Although China's trade surplus to the United States reached about US$100 billion, China's total trade surplus was about US$30 billion, only one-fifth of the total of developing countries, said Zhang.
The rapid increase of China's exports is the result of global manufacturing relocation, which means that some increased production in China is not newly-added production but was moved from Malaysia or Thailand, said Zhang.
"In addition, the exports of China only account for 5 percent of the global total, so it is unbelievable that China's increasing exports caused global deflation," he said.
However, Zhang suggested that some kind of mechanism for changing the exchange rate of the Renminbi be developed in the future, depending on China's economic circumstances, such as widening the fluctuating range of the Renminbi.
Meanwhile, a leading Chinese banking expert says China should maintain a stable exchange rate policy, warning that drastic amendments of the reform process would adversely affect the national economy.
Tang Xu, director of the Graduate School of the People's Bank of China, said that China's exchange rate system was appropriate to the country's financial situation.
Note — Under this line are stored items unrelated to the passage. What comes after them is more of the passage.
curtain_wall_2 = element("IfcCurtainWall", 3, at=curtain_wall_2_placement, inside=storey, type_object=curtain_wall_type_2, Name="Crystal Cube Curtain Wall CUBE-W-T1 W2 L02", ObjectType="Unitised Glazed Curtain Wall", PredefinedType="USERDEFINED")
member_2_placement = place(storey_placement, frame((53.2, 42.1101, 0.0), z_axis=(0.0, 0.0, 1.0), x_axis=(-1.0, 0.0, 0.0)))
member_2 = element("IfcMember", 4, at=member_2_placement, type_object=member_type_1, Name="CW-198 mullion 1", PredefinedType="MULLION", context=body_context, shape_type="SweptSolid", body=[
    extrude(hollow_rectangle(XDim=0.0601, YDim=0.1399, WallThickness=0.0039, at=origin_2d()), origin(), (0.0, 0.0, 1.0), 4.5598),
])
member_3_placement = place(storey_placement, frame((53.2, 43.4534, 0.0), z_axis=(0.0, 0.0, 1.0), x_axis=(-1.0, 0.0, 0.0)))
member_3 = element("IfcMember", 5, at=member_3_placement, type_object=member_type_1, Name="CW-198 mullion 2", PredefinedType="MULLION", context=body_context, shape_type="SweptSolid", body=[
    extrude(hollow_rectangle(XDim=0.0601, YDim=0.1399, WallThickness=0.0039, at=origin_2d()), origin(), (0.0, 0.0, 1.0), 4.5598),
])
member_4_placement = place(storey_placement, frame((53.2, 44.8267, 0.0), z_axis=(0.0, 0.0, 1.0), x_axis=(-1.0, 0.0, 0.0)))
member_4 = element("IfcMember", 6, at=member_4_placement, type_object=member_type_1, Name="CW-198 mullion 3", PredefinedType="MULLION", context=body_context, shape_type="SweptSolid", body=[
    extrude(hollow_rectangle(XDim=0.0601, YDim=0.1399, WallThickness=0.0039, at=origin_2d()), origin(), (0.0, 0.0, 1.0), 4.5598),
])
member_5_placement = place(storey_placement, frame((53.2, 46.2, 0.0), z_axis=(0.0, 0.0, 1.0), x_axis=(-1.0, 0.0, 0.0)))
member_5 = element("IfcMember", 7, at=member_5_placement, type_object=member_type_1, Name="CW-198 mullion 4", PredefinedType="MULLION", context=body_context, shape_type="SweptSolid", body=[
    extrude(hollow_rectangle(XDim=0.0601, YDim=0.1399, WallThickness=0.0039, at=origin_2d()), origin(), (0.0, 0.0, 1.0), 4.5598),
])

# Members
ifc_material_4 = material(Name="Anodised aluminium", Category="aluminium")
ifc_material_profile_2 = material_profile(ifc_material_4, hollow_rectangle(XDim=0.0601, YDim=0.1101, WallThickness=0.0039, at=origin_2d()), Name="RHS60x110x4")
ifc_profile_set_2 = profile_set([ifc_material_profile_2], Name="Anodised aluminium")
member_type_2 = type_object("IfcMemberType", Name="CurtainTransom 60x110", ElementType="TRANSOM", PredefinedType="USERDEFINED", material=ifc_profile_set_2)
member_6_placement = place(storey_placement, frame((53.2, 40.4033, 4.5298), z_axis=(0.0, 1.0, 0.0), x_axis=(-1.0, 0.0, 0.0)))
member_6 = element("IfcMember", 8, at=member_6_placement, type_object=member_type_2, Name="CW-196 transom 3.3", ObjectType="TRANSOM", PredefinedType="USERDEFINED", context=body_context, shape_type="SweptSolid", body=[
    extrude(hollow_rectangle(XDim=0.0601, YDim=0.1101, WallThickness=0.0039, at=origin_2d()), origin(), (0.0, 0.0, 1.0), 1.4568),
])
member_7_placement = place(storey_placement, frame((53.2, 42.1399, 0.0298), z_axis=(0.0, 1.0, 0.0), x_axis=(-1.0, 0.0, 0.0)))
The stable currency policy enabled China to successfully stabilize the Renminbi and withstand the impact of the Asian financial crisis in 1997.
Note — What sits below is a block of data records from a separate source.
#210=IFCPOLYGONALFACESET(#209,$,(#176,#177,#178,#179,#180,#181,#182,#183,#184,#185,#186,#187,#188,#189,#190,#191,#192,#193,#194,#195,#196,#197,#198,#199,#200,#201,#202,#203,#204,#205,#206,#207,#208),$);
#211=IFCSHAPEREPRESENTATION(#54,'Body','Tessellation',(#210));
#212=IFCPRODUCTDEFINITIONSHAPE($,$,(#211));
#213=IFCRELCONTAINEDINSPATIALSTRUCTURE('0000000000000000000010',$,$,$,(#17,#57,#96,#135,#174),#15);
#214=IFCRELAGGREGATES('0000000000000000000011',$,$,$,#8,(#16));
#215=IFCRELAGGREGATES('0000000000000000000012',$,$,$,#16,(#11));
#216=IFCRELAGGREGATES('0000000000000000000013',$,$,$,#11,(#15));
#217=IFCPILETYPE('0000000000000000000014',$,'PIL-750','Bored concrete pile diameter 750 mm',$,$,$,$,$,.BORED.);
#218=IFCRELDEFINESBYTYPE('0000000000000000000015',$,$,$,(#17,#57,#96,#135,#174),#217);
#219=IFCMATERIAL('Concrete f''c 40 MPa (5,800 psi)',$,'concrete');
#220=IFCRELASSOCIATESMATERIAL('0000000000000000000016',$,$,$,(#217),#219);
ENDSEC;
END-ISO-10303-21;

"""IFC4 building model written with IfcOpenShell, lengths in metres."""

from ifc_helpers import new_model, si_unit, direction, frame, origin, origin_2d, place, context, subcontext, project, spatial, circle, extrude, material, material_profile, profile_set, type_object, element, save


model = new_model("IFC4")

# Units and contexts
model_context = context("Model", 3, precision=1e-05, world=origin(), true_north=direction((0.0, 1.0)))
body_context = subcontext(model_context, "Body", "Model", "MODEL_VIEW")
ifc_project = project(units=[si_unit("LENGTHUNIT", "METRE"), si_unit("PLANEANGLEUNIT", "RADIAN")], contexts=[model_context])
To a profound extent, the stability of the exchange rate safeguarded the country's daily financial operations, stressed Tang.
After 1994, fundamental changes were seen in China's foreign exchange system, as the government merged the "official" and market exchange rates into a unified one based mainly on market demand and supply, under a single, managed floating exchange rate system, Tang said.
The gradual and evolutionary reform of China's exchange rate system also helped establish foreign investors' faith in the value of the RMB and consolidate their determination to boost investment in China, he said.
If China freed the exchange rate, the speculative "hot money" would advance into the country's foreign exchange market and the RMB would surely fluctuate severely, Tang said.
"It would be a disaster, since China's financial capability to withstand the exchange rate upheaval is so weak," Tang said, warning that the regular financial operations would be in disorder.
China, unlike developed countries whose financial sectors are able to prevent and dissipate exchange rate risks, would bear too much risk to let the RMB float freely, Tang said.
He suggested that China continue to focus on the establishment of risk management mechanisms within the banking system and improve corporate governance.
However, Tang also agreed that a stable exchange rate did not necessarily mean a fixed one. He predicted that RMB could eventually be convertible under the capital account.
"There is no timetable for realizing the RMB's convertibility under the capital account, but at the right time, there will be one," Tang said.